Антон Павлович Чехов - Чудаков Александр Павлович (смотреть онлайн бесплатно книга txt) 📗
После гимназии он был в родном городе на следующий год и еще на следующий. Но эти поездки не оставили в памяти особого следа. Теперь с отъезда из Таганрога минуло 8 лет; он ехал туда профессиональным писателем. Все виделось иначе – и родственники, и старые знакомые, и город.

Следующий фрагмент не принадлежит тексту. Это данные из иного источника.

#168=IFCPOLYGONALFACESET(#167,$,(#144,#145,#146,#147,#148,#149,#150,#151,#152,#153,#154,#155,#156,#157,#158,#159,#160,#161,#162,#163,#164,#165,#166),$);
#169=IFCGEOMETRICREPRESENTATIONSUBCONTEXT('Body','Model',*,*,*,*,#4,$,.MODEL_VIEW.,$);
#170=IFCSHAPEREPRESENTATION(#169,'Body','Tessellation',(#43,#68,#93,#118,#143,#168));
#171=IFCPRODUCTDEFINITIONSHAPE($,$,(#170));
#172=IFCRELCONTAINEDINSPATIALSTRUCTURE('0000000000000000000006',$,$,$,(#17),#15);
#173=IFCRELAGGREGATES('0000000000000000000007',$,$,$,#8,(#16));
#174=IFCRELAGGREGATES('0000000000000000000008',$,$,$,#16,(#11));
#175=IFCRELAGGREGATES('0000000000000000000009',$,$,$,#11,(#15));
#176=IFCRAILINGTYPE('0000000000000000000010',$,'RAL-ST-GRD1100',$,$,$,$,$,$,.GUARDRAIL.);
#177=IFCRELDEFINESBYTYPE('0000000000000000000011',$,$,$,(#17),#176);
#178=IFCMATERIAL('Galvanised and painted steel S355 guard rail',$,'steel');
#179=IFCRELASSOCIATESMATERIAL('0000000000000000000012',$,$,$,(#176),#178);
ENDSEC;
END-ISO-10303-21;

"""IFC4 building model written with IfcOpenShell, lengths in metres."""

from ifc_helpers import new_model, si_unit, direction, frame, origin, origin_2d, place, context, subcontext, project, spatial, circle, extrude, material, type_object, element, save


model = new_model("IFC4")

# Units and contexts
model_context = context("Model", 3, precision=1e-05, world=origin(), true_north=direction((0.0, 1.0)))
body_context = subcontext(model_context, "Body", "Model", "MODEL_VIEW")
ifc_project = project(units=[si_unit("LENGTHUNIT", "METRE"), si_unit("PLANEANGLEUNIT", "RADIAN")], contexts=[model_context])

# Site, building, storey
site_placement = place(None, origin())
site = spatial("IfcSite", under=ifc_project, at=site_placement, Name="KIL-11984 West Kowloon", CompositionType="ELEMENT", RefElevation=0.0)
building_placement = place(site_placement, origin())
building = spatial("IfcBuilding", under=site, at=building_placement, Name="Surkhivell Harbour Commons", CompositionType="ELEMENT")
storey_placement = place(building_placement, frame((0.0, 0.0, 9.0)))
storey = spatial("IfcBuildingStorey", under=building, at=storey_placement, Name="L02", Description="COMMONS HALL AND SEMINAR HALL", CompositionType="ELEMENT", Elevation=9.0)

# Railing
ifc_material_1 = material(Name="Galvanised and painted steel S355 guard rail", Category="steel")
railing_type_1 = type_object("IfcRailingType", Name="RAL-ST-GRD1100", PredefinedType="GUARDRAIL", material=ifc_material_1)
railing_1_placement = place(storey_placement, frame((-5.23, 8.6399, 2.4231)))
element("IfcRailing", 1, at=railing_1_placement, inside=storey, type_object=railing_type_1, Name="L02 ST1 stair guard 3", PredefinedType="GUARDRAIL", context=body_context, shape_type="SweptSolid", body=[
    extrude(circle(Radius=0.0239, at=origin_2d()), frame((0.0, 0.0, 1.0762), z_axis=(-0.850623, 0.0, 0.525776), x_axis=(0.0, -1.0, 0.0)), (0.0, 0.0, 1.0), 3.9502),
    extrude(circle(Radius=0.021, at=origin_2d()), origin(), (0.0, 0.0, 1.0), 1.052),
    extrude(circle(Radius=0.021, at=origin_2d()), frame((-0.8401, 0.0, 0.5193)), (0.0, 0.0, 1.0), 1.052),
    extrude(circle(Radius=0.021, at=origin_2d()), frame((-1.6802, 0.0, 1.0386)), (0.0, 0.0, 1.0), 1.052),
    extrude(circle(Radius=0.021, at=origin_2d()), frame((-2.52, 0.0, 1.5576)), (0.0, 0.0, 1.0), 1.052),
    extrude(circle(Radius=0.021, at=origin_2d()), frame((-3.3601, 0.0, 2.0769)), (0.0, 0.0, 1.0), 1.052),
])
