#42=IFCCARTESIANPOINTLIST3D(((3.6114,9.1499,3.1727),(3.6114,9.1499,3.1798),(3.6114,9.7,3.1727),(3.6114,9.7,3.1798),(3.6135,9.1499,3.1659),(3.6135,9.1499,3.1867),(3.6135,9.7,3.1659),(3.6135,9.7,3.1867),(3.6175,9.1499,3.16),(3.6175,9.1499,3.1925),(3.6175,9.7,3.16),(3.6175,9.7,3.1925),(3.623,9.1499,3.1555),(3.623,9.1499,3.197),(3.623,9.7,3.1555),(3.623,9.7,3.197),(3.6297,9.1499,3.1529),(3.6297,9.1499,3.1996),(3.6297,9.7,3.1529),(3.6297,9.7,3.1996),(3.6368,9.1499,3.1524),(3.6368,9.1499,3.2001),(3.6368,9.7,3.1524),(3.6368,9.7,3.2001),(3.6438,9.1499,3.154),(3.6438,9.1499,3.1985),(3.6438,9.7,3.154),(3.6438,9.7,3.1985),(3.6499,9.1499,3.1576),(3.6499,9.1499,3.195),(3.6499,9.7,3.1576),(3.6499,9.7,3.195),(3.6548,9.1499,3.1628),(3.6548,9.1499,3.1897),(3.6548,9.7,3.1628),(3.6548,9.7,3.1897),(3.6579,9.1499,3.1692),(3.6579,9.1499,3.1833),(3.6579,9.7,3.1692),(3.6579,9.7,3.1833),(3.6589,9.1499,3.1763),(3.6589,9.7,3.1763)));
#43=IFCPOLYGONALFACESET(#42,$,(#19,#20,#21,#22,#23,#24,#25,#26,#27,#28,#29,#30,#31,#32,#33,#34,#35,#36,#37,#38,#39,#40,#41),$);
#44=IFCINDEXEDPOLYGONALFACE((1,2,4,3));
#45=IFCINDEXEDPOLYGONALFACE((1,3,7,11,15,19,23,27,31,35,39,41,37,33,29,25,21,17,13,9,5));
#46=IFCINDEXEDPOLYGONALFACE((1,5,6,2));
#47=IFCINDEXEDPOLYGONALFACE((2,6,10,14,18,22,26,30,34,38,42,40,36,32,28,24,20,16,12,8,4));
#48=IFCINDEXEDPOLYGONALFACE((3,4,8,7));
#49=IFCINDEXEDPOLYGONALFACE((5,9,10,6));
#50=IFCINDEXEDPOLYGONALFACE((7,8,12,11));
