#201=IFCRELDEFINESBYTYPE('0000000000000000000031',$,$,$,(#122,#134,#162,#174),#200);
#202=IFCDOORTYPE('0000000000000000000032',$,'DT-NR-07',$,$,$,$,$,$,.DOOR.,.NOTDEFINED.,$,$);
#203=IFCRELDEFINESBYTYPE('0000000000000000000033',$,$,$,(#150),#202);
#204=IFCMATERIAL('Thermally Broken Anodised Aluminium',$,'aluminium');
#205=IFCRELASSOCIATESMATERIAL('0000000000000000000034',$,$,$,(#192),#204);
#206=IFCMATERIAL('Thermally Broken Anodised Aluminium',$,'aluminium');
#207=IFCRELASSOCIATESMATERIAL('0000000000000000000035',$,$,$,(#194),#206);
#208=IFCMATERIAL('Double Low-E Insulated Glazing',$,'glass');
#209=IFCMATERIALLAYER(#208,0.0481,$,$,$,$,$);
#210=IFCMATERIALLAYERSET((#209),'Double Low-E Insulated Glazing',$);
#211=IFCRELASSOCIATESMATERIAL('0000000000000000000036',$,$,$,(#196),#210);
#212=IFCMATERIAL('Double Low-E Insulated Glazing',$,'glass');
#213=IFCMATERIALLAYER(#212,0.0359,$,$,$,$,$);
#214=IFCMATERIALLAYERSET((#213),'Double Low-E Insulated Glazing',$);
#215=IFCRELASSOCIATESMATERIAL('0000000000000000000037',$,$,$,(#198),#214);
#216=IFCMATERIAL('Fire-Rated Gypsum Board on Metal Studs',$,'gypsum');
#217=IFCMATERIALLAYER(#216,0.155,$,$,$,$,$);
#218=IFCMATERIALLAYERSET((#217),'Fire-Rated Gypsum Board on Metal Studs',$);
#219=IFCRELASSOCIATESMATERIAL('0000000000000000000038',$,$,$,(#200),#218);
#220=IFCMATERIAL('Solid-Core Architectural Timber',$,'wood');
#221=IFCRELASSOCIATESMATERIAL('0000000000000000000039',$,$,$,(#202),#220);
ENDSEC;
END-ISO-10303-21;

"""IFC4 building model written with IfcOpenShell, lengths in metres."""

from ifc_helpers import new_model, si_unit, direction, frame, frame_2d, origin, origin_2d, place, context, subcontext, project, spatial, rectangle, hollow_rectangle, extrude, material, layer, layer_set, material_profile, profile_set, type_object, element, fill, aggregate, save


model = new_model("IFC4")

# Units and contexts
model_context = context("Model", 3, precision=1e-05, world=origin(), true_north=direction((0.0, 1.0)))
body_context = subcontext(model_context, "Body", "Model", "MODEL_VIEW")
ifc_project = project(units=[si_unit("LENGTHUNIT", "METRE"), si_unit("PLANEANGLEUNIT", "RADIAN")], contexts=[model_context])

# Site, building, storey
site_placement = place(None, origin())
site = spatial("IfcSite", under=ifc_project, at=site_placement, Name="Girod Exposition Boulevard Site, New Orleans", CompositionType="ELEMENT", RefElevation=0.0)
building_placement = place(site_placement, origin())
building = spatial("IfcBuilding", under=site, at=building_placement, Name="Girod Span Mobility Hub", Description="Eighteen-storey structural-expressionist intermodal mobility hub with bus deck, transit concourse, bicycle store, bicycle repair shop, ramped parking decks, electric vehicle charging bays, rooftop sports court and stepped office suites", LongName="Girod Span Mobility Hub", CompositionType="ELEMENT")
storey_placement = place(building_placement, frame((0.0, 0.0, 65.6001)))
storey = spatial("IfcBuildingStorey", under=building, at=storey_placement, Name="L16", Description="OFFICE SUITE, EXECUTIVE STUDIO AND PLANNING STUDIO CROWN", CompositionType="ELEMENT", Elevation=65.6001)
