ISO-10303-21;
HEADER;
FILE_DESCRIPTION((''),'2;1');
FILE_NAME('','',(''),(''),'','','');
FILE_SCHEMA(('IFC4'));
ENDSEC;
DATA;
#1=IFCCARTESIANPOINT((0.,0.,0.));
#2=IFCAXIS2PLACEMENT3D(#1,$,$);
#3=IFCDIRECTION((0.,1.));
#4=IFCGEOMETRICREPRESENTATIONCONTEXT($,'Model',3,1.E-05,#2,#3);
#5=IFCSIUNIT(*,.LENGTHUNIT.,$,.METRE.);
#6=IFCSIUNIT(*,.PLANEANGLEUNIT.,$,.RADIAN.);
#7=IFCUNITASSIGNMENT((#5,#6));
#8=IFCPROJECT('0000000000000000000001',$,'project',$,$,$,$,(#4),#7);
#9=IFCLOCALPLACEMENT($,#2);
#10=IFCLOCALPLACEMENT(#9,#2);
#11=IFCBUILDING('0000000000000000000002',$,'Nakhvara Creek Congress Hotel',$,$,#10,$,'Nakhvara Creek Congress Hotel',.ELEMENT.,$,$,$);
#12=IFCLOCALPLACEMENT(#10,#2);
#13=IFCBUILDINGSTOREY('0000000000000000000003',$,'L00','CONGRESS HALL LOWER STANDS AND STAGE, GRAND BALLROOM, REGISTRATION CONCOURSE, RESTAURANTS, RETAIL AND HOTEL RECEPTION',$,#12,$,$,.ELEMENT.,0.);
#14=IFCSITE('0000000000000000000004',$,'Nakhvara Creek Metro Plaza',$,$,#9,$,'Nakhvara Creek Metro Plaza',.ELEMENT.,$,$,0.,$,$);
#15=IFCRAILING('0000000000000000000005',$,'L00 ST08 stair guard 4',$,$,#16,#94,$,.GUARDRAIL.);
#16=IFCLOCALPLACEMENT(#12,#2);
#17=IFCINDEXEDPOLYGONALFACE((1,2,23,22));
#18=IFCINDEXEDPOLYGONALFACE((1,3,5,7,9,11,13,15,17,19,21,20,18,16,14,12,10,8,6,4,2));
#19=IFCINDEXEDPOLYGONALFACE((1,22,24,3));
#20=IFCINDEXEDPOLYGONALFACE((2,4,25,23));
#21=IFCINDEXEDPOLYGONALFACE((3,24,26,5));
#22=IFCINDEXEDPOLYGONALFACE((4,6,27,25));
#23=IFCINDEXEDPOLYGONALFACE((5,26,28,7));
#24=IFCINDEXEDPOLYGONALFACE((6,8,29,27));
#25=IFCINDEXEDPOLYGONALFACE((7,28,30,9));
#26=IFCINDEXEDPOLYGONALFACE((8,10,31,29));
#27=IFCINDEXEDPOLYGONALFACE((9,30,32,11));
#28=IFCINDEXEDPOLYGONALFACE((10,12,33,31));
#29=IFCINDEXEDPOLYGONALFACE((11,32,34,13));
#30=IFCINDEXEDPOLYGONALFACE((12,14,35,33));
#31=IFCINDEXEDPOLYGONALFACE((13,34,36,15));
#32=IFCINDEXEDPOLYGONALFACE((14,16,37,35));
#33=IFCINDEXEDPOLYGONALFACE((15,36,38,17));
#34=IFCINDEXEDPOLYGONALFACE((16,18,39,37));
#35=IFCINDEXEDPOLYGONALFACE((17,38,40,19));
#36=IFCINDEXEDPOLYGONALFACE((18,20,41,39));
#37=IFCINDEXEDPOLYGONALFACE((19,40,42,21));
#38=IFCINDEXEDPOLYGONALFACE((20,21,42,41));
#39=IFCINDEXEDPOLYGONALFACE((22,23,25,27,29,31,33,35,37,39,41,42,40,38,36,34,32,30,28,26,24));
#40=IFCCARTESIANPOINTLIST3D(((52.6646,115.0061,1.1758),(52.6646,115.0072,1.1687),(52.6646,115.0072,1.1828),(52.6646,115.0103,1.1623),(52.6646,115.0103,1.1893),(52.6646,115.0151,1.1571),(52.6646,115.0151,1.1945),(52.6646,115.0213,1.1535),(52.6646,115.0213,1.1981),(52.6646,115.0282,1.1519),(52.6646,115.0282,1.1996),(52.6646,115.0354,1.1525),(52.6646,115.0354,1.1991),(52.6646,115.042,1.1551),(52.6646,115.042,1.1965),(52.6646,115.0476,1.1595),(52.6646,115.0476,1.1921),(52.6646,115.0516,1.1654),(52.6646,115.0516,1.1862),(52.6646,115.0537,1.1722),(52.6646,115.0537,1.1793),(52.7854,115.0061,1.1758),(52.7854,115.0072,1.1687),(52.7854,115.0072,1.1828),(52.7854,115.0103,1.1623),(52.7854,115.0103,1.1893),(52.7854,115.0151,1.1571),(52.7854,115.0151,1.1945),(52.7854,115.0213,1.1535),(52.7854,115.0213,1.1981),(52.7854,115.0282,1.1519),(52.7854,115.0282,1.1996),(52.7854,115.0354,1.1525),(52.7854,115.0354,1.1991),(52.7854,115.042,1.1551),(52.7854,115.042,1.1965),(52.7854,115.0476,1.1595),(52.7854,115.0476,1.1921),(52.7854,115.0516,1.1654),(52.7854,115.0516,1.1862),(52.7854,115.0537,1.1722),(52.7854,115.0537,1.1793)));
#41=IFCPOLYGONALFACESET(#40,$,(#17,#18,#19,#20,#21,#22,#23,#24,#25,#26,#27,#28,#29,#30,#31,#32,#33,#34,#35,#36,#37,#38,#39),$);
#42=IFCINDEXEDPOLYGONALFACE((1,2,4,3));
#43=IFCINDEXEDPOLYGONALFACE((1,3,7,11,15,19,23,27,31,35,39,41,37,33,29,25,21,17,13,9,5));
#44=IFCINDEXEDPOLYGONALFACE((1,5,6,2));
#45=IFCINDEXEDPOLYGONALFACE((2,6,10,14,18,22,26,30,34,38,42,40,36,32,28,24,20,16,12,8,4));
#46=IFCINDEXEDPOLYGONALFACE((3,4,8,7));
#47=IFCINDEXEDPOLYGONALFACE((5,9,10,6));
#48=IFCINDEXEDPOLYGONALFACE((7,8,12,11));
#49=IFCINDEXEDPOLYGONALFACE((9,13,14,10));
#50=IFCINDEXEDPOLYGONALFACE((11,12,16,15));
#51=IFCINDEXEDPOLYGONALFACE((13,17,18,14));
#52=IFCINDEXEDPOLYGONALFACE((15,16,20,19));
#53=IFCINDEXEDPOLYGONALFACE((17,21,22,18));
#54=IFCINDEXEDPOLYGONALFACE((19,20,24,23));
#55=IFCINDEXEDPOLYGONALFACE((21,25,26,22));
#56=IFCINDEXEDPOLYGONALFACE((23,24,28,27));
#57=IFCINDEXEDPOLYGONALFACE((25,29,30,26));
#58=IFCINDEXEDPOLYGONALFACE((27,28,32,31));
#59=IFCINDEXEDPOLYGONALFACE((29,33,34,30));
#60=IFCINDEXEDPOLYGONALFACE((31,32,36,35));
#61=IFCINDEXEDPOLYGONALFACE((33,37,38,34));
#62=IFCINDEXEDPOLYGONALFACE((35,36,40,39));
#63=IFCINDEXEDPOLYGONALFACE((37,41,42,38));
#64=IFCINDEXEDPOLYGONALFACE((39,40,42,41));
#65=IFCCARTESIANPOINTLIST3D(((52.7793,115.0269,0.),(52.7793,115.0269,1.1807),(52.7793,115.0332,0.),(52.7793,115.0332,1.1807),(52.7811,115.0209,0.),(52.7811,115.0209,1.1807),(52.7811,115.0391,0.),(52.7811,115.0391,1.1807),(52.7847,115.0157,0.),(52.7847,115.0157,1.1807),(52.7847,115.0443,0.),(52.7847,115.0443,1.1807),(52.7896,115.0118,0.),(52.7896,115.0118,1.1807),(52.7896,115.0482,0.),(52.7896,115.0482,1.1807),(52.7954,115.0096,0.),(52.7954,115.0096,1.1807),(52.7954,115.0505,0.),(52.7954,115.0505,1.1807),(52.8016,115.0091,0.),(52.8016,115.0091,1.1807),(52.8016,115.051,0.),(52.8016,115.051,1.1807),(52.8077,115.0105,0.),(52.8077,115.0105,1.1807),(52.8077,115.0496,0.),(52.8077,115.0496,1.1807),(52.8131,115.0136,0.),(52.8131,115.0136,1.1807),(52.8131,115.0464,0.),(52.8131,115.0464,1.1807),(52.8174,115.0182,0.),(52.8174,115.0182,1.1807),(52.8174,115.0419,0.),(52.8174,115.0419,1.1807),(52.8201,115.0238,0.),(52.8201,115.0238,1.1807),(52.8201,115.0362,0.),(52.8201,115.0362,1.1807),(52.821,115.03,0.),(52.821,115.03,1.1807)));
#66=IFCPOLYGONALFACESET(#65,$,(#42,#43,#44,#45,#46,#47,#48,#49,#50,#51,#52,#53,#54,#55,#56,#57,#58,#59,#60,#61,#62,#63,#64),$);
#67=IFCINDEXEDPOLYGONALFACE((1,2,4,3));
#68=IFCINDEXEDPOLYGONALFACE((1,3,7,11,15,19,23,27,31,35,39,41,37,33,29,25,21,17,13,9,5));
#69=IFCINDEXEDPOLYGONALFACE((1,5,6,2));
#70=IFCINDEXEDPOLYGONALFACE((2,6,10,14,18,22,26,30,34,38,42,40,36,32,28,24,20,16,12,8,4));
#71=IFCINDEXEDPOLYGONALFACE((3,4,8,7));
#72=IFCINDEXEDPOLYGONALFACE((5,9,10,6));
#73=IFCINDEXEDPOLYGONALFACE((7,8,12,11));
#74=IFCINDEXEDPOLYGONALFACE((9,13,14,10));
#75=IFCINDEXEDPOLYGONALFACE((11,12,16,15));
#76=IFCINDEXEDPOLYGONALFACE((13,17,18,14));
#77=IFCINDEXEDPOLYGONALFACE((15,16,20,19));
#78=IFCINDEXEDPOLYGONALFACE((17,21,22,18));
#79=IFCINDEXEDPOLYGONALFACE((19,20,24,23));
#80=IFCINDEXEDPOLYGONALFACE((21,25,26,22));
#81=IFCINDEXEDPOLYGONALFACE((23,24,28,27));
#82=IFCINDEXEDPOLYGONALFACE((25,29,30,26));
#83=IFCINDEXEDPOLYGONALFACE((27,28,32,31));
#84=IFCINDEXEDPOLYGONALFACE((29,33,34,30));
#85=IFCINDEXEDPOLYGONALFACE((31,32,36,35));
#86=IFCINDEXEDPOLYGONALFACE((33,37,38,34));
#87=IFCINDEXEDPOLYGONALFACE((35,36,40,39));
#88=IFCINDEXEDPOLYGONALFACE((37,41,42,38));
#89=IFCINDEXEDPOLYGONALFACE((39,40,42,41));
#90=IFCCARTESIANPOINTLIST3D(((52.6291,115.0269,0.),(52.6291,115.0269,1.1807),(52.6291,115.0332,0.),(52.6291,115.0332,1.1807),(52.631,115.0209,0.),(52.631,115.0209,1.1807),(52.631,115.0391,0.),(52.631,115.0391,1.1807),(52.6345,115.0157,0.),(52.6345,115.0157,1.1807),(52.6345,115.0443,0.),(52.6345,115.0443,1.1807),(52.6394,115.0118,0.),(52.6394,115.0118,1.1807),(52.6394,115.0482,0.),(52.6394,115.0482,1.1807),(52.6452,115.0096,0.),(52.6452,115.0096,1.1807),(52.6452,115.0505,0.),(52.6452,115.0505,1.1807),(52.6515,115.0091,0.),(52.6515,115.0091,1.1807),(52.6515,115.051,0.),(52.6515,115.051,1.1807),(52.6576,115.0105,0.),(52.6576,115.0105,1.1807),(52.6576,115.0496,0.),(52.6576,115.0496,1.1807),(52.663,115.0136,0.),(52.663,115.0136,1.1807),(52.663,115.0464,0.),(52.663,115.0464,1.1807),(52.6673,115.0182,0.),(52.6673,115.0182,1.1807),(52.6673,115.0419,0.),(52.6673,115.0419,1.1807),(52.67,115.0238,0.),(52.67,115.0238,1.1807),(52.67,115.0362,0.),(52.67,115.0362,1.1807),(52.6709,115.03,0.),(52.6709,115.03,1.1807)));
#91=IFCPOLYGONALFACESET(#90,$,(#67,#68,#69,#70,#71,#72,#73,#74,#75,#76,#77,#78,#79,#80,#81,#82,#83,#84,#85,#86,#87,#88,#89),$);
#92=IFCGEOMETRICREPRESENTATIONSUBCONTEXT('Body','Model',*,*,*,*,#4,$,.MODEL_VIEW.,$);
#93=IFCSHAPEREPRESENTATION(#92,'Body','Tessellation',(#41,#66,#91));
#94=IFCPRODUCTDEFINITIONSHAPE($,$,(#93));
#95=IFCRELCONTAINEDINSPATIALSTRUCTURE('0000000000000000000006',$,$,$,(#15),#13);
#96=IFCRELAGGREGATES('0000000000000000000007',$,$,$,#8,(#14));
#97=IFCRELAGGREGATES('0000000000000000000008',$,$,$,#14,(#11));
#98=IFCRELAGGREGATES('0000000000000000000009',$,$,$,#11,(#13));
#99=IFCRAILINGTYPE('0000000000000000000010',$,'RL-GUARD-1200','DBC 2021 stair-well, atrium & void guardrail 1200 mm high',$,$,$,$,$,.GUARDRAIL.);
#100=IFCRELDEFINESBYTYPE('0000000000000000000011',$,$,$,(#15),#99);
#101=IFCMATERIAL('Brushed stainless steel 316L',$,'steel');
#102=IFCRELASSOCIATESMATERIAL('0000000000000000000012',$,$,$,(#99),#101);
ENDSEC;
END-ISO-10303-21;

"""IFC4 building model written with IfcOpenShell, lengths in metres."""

from ifc_helpers import new_model, si_unit, direction, frame, origin, origin_2d, place, context, subcontext, project, spatial, circle, extrude, material, type_object, element, save


model = new_model("IFC4")

# Units and contexts
model_context = context("Model", 3, precision=1e-05, world=origin(), true_north=direction((0.0, 1.0)))
body_context = subcontext(model_context, "Body", "Model", "MODEL_VIEW")
ifc_project = project(units=[si_unit("LENGTHUNIT", "METRE"), si_unit("PLANEANGLEUNIT", "RADIAN")], contexts=[model_context])

# Site, building, storey
site_placement = place(None, origin())
site = spatial("IfcSite", under=ifc_project, at=site_placement, Name="Nakhvara Creek Metro Plaza", LongName="Nakhvara Creek Metro Plaza", CompositionType="ELEMENT", RefElevation=0.0)
building_placement = place(site_placement, origin())
building = spatial("IfcBuilding", under=site, at=building_placement, Name="Nakhvara Creek Congress Hotel", LongName="Nakhvara Creek Congress Hotel", CompositionType="ELEMENT")
storey_placement = place(building_placement, origin())
storey = spatial("IfcBuildingStorey", under=building, at=storey_placement, Name="L00", Description="CONGRESS HALL LOWER STANDS AND STAGE, GRAND BALLROOM, REGISTRATION CONCOURSE, RESTAURANTS, RETAIL AND HOTEL RECEPTION", CompositionType="ELEMENT", Elevation=0.0)

# Railing
ifc_material_1 = material(Name="Brushed stainless steel 316L", Category="steel")
railing_type_1 = type_object("IfcRailingType", Name="RL-GUARD-1200", Description="DBC 2021 stair-well, atrium & void guardrail 1200 mm high", PredefinedType="GUARDRAIL", material=ifc_material_1)
railing_1_placement = place(storey_placement, frame((52.8, 115.03, 0.0)))
element("IfcRailing", 1, at=railing_1_placement, inside=storey, type_object=railing_type_1, Name="L00 ST08 stair guard 4", PredefinedType="GUARDRAIL", context=body_context, shape_type="SweptSolid", body=[
    extrude(circle(Radius=0.0239, at=origin_2d()), frame((-0.0146, 0.0, 1.1758), z_axis=(-1.0, 0.0, 0.0), x_axis=(0.0, -1.0, 0.0)), (0.0, 0.0, 1.0), 0.1208),
    extrude(circle(Radius=0.021, at=origin_2d()), origin(), (0.0, 0.0, 1.0), 1.1807),
    extrude(circle(Radius=0.021, at=origin_2d()), frame((-0.1501, 0.0, 0.0)), (0.0, 0.0, 1.0), 1.1807),
])

save(model, "model.ifc")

«Силуэты акаций и лип были всё те же, что и восемь лет тому назад; так же, как и тогда, во времена детства, где-то далеко бренчало плохое фортепьяно, все та же была манера у публики бродить по аллеям взад и вперед, но не те были люди. Уж по аллеям ходили не я, не мои товарищи, не предметы моей страсти, а какие-то чужие гимназисты, чужие барышни. И стало мне грустно, когда на свои расспросы о знакомых я раз пять получил от Кисочки в ответ “умер”, моя грусть обратилась в чувство, какое испытываешь на панихиде по хорошем человеке. И я, сидя тут у окна, глядя на гуляющую публику и слушая бренчанье фортепьяно, первый раз в жизни собственными глазами увидел, с какою жадностью одно поколение спешит сменить другое и какое роковое значение в жизни человека имеют даже какие-нибудь семь-восемь лет!» («Огни», 1888).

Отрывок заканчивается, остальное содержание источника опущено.